Priestly Celibacy and Its Roots in Christ
John Burger's interview with Father Thomas McGovern
National Catholic Register
May 19-25, 2002
Related Article:
Celibacy Isn't the Problem - It's the Answer, Say Priests
Father Thomas McGovern, a priest of the Prelature of Opus Dei in Dublin, is the author of "Priestly Celibacy Today." He was interviewed recently by Register staff writer John Burger on issues about celibacy raised by the current sex abuse crisis.
Why is it that among the general population celibacy is in some way seen to be at the root of the sex abuse problem?
For some time there have been insistent calls for the abolition of "compulsory" celibacy in editorials and feature articles in the print media, and in TV and chat show commentary. Underlying much of this crusade is the assumption of a direct causal link between celibacy and sexual deviance. Yet at no time has any solid scientific or statistical evidence been offered to substantiate this claim.
Nevertheless, as a result of saturation coverage of some clerical sexual scandals in the media, many people seem to have been persuaded into thinking that there must be some intrinsic connection between celibacy and sexual immorality, and that it is widespread among the clergy. Indeed Pope John Paul II has referred to "a systematic propaganda which is hostile to celibacy" and "which finds support and complicity in some of the mass media."
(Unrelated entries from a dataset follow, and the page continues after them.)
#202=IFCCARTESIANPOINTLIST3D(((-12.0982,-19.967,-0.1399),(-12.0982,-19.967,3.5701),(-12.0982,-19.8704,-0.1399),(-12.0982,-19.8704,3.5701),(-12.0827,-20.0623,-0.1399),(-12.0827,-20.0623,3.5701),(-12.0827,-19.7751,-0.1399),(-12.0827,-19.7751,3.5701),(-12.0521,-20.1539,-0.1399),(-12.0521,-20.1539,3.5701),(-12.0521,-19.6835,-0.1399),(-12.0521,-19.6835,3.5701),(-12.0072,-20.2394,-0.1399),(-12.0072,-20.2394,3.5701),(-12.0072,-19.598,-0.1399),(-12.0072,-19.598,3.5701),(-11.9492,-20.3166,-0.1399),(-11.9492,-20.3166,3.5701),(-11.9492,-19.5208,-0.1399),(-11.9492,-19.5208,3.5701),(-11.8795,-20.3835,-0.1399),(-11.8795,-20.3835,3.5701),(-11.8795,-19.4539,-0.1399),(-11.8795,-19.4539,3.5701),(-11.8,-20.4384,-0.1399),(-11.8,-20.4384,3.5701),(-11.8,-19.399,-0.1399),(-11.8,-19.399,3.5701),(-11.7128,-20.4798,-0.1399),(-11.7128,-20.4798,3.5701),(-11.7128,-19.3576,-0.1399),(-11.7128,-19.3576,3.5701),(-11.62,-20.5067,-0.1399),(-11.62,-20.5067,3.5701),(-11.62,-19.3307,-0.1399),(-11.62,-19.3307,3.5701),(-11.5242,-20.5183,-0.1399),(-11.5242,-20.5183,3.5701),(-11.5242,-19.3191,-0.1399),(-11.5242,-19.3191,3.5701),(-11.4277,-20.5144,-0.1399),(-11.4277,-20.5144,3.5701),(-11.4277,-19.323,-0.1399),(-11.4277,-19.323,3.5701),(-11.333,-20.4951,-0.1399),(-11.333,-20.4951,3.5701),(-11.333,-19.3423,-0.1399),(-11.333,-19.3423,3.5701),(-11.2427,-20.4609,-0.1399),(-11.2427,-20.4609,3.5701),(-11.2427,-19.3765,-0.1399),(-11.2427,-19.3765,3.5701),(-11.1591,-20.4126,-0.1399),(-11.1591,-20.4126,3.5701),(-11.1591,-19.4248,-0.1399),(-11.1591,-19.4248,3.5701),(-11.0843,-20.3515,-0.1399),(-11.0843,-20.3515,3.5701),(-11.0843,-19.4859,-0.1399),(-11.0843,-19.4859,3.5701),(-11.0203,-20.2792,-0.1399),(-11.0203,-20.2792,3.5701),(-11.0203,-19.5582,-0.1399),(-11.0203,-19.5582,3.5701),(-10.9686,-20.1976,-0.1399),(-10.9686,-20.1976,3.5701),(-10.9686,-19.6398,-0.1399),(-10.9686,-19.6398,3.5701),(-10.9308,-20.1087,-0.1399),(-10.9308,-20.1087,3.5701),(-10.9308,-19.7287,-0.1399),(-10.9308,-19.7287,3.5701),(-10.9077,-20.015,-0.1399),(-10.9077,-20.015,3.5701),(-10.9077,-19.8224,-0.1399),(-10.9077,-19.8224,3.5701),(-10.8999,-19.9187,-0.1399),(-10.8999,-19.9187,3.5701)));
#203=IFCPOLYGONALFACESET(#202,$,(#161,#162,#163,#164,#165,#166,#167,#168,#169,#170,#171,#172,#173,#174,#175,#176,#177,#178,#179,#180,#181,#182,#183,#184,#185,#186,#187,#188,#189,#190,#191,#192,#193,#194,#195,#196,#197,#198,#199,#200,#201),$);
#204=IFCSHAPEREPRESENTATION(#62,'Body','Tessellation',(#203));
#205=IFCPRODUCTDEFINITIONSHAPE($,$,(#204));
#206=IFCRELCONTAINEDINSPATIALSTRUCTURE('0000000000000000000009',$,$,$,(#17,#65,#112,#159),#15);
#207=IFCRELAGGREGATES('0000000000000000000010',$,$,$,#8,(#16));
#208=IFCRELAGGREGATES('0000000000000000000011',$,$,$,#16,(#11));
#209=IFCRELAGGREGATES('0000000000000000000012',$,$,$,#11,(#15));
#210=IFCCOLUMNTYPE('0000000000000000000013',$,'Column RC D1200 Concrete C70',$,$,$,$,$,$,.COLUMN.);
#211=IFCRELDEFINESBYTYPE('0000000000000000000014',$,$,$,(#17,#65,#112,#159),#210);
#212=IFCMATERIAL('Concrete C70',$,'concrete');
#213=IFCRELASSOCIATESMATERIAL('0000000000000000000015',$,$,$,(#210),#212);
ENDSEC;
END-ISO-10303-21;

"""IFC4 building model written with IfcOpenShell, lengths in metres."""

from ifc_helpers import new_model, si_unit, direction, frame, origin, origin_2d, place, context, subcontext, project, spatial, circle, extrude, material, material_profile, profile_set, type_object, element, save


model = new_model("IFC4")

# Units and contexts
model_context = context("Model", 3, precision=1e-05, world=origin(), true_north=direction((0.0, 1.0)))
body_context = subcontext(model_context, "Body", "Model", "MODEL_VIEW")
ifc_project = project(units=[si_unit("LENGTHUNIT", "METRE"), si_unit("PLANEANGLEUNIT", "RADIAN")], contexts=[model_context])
In our contemporary sex-saturated culture, the very notion of a celibate lifestyle is incomprehensible to many people. For them celibacy is seen as a form of repression, a stunting of the natural growth of personality, leading to frustration and deep sense of psychological and emotional isolation. When this caricature of celibacy is fostered, then it is not difficult to see why people would begin to associate it with the current problems.
Consequently, as John Paul II affirms his 1992 document, Pastores Dabo Vobis, on the
formation of priests, there is a great need today to present and explain the charism of celibacy "in the fullness of its biblical, theological and spiritual richness."
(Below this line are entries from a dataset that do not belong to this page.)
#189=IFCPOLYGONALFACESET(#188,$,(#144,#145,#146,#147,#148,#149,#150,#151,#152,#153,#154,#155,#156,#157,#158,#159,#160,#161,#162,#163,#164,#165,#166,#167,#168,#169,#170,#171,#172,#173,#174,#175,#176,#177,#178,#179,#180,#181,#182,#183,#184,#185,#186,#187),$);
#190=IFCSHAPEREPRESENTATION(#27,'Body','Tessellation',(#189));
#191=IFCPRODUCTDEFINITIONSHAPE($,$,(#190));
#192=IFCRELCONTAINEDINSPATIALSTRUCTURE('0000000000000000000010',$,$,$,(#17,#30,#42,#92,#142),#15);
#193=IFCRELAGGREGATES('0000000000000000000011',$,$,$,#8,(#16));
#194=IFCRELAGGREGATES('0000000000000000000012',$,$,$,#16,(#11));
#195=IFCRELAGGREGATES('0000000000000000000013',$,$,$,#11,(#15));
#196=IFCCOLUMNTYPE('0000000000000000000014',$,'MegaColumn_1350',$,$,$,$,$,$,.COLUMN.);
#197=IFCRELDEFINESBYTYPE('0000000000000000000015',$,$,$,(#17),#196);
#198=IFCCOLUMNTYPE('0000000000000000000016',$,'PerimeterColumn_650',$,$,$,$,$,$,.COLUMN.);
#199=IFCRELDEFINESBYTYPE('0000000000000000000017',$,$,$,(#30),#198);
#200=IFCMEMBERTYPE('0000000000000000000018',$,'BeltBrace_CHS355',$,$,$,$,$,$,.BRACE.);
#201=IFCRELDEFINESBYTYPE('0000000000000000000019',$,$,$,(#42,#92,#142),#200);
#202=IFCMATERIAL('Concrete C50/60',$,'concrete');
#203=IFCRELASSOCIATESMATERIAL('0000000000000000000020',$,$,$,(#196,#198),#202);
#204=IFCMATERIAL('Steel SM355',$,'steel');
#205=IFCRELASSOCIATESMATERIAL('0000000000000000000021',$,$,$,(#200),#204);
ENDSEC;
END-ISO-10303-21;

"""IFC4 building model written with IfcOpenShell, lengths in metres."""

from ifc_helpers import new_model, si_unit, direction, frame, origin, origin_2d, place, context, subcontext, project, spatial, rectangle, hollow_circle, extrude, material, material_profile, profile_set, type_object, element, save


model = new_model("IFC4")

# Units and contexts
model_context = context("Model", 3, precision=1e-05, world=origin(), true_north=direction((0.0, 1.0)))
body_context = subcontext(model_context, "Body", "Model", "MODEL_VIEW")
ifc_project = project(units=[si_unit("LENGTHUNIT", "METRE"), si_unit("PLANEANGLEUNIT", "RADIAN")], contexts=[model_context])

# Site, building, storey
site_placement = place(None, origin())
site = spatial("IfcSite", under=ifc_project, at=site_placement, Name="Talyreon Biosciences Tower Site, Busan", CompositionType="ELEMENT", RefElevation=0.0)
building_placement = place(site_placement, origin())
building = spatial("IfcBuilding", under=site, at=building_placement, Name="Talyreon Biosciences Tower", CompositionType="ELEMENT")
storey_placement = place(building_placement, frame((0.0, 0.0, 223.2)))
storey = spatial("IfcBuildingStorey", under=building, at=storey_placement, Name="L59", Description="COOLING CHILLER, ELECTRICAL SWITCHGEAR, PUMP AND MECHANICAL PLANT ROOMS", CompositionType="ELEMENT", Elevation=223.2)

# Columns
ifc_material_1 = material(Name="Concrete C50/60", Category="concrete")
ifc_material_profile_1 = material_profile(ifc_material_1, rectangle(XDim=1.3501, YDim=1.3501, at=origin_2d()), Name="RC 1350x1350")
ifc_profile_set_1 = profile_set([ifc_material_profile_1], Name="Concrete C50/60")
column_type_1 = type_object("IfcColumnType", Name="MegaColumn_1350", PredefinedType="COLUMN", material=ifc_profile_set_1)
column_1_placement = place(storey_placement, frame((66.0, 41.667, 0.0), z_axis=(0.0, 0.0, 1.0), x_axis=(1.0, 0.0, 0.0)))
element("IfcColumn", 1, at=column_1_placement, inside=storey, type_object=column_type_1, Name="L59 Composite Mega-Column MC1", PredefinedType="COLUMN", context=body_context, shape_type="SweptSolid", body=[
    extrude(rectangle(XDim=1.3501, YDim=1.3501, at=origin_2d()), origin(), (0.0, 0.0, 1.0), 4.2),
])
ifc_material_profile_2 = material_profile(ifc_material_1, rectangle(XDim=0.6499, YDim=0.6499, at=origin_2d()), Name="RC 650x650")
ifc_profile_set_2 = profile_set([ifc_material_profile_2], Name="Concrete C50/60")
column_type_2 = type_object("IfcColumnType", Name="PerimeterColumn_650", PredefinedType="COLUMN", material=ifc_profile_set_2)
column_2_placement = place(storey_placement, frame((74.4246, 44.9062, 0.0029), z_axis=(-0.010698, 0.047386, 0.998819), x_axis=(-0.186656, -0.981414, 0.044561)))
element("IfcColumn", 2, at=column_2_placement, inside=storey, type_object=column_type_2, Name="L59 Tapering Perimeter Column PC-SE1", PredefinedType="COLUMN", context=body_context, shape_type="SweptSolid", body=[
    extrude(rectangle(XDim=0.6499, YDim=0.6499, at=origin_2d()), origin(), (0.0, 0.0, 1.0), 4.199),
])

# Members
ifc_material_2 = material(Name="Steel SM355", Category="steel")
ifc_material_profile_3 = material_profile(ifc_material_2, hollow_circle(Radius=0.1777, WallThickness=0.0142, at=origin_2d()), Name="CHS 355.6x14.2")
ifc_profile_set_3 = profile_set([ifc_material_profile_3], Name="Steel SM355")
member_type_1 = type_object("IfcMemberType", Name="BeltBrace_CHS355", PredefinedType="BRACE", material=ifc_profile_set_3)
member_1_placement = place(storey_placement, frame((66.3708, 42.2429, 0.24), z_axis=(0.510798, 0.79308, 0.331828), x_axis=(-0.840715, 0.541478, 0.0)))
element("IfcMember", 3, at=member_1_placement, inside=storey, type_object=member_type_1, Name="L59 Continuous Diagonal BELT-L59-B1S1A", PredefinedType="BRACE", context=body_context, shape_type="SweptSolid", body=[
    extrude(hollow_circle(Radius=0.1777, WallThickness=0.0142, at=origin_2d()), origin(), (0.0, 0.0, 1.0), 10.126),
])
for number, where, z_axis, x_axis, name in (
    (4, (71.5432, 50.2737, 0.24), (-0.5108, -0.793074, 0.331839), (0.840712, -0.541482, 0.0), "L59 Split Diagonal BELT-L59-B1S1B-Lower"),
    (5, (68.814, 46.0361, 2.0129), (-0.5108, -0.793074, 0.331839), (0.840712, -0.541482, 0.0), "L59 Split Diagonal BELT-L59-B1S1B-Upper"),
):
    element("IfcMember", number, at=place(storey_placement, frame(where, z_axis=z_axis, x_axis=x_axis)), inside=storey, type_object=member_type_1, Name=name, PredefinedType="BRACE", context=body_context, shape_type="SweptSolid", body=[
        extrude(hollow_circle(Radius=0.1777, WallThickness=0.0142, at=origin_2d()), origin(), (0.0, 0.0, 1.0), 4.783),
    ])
How in fact does the Church understand celibacy? What is the connection between celibacy and priesthood?
To understand celibacy we have first to look to Jesus Christ. The link between priesthood and celibacy was first established in him. By remaining celibate, Jesus went against the socio-cultural and religious climate of his time, since in the Jewish environment no condition was so much deprecated as that of a man who had no descendants. By freeing himself from the claims of family, Christ was totally available to do his Father's will, to establish the new family of the children of God.
The priestly vocation is a personal grace by which a young man is called to share in the priesthood of Christ. Implicit in this call is the grace to imitate Jesus in his celibacy, drawn by the example and the mystery of Christ. Celibacy is a wellspring of spiritual energy that enables the priest to live a very fruitful and fulfilled life.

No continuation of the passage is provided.